Now we can use the magic command `%time` to time the function. This time, we feed the model with 1000 samples:

In [17]:
question = ["Where is CUHK?" for i in range(1000)]
text = ["CUHK is a university in Hong Kong." for i in range(1000)]

%time ans = batch_inference(question,text)

CPU times: user 52.4 s, sys: 27.9 s, total: 1min 20s
Wall time: 4.11 s


Compare to using `pipeline`:

In [18]:
inputs={'question':question,'context':text}
question_answerer = pipeline('question-answering')

%time ans = question_answerer(inputs)

No model was supplied, defaulted to distilbert-base-cased-distilled-squad and revision 626af31 (https://huggingface.co/distilbert-base-cased-distilled-squad).
Using a pipeline without specifying a model name and revision in production is not recommended.


CPU times: user 3min 7s, sys: 73.7 ms, total: 3min 7s
Wall time: 11.8 s


## D. Running on Cluster

We can speed up the process by using more CPU cores, but it will be even better if we use a GPU. Too see how much speed up we can get, let us put what we have above in a python script. This is available as `hf-batch-inference.py` under the 'Examples' folder.

If you using the Department of Economics' SCRP HPC Cluster, you can run it on four CPU cores by typing the following commands in a terminal:

```
conda activate tensorflow
compute python [path]/hf-batch-inference.py
```

This should take around six seconds to complete.


To run on a GPU :

```
gpu python [path]/hf-batch-inference.py
```

This runs the script on the slowest available GPU on the cluster. This usually means a RTX 3060. You can expect the inference to complete in 0.35 seconds, excluding the time it takes to load the model and the tokenizer.

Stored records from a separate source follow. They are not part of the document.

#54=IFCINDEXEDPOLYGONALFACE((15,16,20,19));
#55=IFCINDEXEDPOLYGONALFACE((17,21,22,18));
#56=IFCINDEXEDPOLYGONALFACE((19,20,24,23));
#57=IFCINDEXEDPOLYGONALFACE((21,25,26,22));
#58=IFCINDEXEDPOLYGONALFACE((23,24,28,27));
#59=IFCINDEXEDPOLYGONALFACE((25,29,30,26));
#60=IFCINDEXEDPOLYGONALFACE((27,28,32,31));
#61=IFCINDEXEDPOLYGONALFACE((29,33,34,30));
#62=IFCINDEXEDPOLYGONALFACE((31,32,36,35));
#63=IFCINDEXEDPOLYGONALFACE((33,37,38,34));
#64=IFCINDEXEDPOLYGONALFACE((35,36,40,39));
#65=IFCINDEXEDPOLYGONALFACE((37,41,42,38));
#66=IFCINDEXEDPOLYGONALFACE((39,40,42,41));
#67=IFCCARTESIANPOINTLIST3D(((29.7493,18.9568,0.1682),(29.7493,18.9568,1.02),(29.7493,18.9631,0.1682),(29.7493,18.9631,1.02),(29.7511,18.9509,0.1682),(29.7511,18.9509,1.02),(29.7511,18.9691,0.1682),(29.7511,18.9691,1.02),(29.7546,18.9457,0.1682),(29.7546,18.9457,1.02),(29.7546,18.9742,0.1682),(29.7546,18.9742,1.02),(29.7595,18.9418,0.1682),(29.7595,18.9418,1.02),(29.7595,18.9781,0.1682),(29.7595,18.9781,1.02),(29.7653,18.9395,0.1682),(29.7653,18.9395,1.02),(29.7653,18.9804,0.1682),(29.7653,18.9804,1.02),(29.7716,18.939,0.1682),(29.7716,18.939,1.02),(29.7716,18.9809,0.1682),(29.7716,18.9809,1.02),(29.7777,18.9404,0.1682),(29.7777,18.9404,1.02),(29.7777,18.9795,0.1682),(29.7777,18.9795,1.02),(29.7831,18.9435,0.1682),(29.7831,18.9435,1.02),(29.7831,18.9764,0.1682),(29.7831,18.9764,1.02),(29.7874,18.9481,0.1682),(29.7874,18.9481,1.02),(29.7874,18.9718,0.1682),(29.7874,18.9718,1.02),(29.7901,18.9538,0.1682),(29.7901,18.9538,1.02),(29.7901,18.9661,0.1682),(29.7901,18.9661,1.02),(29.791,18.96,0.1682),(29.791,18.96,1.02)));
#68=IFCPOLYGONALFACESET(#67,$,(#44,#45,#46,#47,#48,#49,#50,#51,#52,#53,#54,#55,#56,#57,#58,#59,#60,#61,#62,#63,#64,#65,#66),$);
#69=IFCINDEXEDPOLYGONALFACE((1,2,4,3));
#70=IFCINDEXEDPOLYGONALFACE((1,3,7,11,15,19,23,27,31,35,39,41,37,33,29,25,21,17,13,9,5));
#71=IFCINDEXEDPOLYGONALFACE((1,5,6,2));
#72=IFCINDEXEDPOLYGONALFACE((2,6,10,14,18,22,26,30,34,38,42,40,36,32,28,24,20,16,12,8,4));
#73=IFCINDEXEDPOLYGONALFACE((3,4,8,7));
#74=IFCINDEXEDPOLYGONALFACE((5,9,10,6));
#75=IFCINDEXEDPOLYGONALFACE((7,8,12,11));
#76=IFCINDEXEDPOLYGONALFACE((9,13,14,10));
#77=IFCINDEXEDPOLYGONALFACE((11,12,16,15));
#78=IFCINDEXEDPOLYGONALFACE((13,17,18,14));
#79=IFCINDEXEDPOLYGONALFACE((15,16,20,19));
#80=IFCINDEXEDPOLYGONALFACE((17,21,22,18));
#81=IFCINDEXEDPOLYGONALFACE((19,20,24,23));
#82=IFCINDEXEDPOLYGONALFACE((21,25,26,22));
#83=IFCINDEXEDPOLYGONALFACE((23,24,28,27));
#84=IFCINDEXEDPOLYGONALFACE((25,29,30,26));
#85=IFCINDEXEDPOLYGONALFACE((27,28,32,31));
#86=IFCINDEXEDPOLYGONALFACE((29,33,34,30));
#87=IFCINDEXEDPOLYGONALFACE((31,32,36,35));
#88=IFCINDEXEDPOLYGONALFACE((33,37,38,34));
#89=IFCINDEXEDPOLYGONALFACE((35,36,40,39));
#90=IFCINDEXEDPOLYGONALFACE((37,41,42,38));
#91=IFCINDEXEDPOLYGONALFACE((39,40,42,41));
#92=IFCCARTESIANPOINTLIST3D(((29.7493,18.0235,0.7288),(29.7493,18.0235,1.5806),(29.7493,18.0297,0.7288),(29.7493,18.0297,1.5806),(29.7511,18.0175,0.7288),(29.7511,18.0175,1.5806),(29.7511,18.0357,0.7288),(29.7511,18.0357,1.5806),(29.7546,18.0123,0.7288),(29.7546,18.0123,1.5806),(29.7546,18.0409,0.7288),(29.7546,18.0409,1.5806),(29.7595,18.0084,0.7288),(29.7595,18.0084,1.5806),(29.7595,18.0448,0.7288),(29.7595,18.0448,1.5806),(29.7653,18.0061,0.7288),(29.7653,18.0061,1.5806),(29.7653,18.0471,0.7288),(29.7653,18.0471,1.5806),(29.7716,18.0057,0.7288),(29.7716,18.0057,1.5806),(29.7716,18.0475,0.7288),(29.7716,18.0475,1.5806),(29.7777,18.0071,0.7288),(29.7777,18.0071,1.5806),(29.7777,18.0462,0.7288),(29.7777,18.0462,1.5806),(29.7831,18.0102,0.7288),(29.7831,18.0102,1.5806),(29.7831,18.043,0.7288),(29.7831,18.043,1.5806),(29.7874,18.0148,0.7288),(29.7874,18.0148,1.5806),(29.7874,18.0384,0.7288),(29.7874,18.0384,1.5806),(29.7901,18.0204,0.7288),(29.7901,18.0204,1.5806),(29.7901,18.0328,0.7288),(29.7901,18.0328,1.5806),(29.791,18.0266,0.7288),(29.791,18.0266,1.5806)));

The speed up is going to be much more impressive if we use the fastest GPU available:
```
gpu ---gpus=rtx3090:1 python [path]/hf-batch-inference.py
```

Inferencing 1000 samples should take less than 0.2 seconds, a 200x speed up over using `pipeline` on a login node.

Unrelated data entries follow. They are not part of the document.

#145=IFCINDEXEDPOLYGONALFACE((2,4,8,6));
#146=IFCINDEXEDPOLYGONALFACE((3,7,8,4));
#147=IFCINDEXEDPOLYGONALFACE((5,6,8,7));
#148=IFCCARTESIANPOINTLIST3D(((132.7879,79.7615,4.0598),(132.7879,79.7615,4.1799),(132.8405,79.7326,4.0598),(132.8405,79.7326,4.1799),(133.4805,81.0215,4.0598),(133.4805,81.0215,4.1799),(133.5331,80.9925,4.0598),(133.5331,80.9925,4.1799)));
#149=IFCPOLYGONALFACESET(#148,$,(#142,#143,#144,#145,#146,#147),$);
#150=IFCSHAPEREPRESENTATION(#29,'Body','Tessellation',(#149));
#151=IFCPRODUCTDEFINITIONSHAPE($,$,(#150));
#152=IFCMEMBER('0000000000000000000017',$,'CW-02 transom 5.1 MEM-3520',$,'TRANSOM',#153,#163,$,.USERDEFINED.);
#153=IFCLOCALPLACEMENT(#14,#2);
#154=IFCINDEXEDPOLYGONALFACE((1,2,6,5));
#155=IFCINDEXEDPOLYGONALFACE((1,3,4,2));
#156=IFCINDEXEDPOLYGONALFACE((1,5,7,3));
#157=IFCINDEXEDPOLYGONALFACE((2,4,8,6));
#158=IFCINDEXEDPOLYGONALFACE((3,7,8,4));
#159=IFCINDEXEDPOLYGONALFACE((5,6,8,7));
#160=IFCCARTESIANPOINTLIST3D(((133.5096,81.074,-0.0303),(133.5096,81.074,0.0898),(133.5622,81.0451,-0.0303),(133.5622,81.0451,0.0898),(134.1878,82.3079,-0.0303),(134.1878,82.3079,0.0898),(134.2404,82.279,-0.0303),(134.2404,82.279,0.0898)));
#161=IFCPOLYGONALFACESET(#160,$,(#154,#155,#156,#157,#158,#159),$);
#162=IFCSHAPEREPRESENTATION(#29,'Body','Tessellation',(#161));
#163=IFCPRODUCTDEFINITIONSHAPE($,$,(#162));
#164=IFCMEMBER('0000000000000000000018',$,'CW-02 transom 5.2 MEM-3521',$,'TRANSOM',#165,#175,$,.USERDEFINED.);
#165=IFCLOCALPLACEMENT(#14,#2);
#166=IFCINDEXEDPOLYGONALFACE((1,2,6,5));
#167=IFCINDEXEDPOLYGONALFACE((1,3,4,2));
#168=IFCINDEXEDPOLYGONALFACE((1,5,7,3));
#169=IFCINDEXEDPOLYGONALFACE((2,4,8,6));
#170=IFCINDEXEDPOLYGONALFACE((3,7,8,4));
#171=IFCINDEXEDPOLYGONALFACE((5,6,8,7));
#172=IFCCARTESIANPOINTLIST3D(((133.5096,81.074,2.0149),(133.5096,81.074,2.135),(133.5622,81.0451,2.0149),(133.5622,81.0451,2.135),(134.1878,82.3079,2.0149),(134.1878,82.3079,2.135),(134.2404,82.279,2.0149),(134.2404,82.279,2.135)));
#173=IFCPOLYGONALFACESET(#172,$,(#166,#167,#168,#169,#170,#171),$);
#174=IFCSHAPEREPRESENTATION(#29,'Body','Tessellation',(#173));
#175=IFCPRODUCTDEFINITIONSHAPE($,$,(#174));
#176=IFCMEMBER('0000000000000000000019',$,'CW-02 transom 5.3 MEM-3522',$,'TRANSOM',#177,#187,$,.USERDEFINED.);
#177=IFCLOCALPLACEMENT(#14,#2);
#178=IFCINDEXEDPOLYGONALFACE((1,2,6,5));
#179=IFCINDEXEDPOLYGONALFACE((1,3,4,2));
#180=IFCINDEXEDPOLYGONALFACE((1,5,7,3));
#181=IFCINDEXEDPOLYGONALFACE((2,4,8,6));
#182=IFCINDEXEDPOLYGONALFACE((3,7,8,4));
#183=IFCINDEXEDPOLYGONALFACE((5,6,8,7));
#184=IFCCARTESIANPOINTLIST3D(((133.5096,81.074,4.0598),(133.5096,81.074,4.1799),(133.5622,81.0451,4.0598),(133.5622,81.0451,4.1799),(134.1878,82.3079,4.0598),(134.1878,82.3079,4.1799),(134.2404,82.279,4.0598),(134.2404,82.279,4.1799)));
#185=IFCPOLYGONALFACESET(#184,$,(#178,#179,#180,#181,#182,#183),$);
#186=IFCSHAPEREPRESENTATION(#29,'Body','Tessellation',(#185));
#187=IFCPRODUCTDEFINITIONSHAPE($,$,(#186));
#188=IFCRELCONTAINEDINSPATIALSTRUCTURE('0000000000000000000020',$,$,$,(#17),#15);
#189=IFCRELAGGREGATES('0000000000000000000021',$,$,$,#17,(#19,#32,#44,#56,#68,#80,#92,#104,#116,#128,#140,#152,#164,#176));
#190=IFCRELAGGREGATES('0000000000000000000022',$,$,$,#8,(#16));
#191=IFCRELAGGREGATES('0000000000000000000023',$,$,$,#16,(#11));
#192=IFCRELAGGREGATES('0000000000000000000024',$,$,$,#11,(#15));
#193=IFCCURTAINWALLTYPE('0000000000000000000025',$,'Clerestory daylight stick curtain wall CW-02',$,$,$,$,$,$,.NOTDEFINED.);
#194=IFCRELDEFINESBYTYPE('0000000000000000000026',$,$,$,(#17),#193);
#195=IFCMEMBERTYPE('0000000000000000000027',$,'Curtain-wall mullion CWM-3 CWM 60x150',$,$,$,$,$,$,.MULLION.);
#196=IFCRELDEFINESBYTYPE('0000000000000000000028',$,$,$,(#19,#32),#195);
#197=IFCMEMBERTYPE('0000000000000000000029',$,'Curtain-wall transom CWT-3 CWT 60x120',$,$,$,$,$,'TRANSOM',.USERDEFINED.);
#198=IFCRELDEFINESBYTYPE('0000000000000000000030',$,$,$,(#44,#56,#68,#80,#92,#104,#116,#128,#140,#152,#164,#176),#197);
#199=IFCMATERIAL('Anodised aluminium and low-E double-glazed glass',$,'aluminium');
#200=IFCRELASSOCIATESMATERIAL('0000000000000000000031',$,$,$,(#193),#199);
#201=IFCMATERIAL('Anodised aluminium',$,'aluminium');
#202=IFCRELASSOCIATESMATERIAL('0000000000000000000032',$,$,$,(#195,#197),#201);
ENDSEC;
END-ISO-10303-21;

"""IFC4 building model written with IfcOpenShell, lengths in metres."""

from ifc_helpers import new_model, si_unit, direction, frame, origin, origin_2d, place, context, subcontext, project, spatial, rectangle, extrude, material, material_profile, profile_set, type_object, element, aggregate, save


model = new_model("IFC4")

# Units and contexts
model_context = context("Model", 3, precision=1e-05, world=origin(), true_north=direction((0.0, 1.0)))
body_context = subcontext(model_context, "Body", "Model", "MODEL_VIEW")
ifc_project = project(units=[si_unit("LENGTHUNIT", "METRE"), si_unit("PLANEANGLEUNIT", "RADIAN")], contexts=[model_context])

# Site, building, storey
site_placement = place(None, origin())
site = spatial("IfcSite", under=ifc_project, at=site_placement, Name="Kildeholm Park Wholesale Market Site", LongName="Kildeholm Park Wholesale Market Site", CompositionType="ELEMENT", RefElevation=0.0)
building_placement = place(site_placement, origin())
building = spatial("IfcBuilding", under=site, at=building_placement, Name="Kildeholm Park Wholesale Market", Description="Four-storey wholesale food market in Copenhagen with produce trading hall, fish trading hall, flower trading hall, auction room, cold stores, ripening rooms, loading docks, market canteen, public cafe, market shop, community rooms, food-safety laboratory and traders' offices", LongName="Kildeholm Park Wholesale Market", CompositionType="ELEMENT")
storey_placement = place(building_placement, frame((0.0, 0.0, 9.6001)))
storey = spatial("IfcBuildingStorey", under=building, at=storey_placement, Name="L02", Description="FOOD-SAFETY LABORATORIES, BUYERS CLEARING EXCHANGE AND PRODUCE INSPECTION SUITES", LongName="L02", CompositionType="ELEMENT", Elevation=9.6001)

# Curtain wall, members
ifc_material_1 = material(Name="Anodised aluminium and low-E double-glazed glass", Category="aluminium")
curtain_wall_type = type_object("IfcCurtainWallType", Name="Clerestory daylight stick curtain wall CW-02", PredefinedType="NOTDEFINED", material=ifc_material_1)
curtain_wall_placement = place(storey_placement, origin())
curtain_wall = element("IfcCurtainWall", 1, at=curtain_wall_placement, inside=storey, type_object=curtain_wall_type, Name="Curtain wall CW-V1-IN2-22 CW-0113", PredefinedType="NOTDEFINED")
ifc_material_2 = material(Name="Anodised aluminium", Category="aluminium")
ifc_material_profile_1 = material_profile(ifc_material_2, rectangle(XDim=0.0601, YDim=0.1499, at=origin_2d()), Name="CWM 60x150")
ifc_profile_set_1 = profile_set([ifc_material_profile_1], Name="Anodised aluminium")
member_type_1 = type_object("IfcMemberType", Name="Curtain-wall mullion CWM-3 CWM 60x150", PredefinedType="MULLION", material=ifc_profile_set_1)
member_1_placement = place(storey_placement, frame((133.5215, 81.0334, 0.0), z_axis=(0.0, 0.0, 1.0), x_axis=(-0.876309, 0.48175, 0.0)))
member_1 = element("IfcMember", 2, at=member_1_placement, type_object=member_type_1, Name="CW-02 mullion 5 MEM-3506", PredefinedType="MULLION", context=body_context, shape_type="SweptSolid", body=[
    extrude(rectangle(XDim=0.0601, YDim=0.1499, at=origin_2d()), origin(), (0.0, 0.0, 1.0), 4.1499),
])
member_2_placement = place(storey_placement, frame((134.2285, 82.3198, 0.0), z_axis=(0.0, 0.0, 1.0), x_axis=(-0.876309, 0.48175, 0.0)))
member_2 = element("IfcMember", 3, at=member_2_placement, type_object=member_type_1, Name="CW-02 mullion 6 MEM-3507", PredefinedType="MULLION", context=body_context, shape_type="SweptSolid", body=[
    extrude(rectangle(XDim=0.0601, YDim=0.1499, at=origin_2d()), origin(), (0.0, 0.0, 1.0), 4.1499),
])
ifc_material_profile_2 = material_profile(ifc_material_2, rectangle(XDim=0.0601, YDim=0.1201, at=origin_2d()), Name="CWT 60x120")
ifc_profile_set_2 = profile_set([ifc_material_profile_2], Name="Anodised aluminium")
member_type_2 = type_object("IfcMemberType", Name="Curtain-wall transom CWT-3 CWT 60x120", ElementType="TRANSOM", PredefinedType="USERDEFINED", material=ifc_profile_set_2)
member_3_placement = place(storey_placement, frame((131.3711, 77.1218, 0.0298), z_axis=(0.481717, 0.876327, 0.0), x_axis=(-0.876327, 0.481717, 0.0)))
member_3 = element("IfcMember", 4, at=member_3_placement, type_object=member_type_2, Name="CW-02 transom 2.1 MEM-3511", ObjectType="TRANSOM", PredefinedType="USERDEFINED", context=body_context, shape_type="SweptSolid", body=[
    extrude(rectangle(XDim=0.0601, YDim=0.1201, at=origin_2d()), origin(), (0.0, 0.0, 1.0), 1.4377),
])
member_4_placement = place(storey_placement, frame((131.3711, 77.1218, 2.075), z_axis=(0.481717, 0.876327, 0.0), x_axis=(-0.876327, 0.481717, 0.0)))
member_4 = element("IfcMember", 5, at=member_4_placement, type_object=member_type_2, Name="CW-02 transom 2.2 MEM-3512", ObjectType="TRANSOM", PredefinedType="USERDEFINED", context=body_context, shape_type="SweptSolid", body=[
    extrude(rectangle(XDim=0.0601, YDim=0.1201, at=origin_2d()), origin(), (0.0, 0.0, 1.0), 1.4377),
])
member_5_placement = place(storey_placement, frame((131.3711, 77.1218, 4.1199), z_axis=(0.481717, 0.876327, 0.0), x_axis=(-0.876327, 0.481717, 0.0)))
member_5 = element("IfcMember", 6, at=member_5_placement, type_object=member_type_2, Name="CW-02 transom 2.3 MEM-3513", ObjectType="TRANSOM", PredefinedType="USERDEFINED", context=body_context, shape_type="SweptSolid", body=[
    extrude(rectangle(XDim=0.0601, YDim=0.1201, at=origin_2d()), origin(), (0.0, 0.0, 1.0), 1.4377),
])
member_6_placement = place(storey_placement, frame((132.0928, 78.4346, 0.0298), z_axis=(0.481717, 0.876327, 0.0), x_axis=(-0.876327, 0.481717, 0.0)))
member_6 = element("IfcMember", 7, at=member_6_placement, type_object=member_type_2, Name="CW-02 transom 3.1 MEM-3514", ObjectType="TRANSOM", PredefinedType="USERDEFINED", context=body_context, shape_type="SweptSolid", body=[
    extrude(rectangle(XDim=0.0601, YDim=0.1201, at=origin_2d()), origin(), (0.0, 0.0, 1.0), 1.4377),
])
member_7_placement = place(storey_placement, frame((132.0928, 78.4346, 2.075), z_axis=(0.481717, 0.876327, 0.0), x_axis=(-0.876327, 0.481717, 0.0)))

One thing to beware of is that GPU on-board memory is generally much smaller than main memory, and for that reason you could ran out of memory if you try to feed a large dataset to the model all at once. In that case you will have to feed data in batches. Both Tensorflow and Hugging Face have a `Dataset` class for this purpose.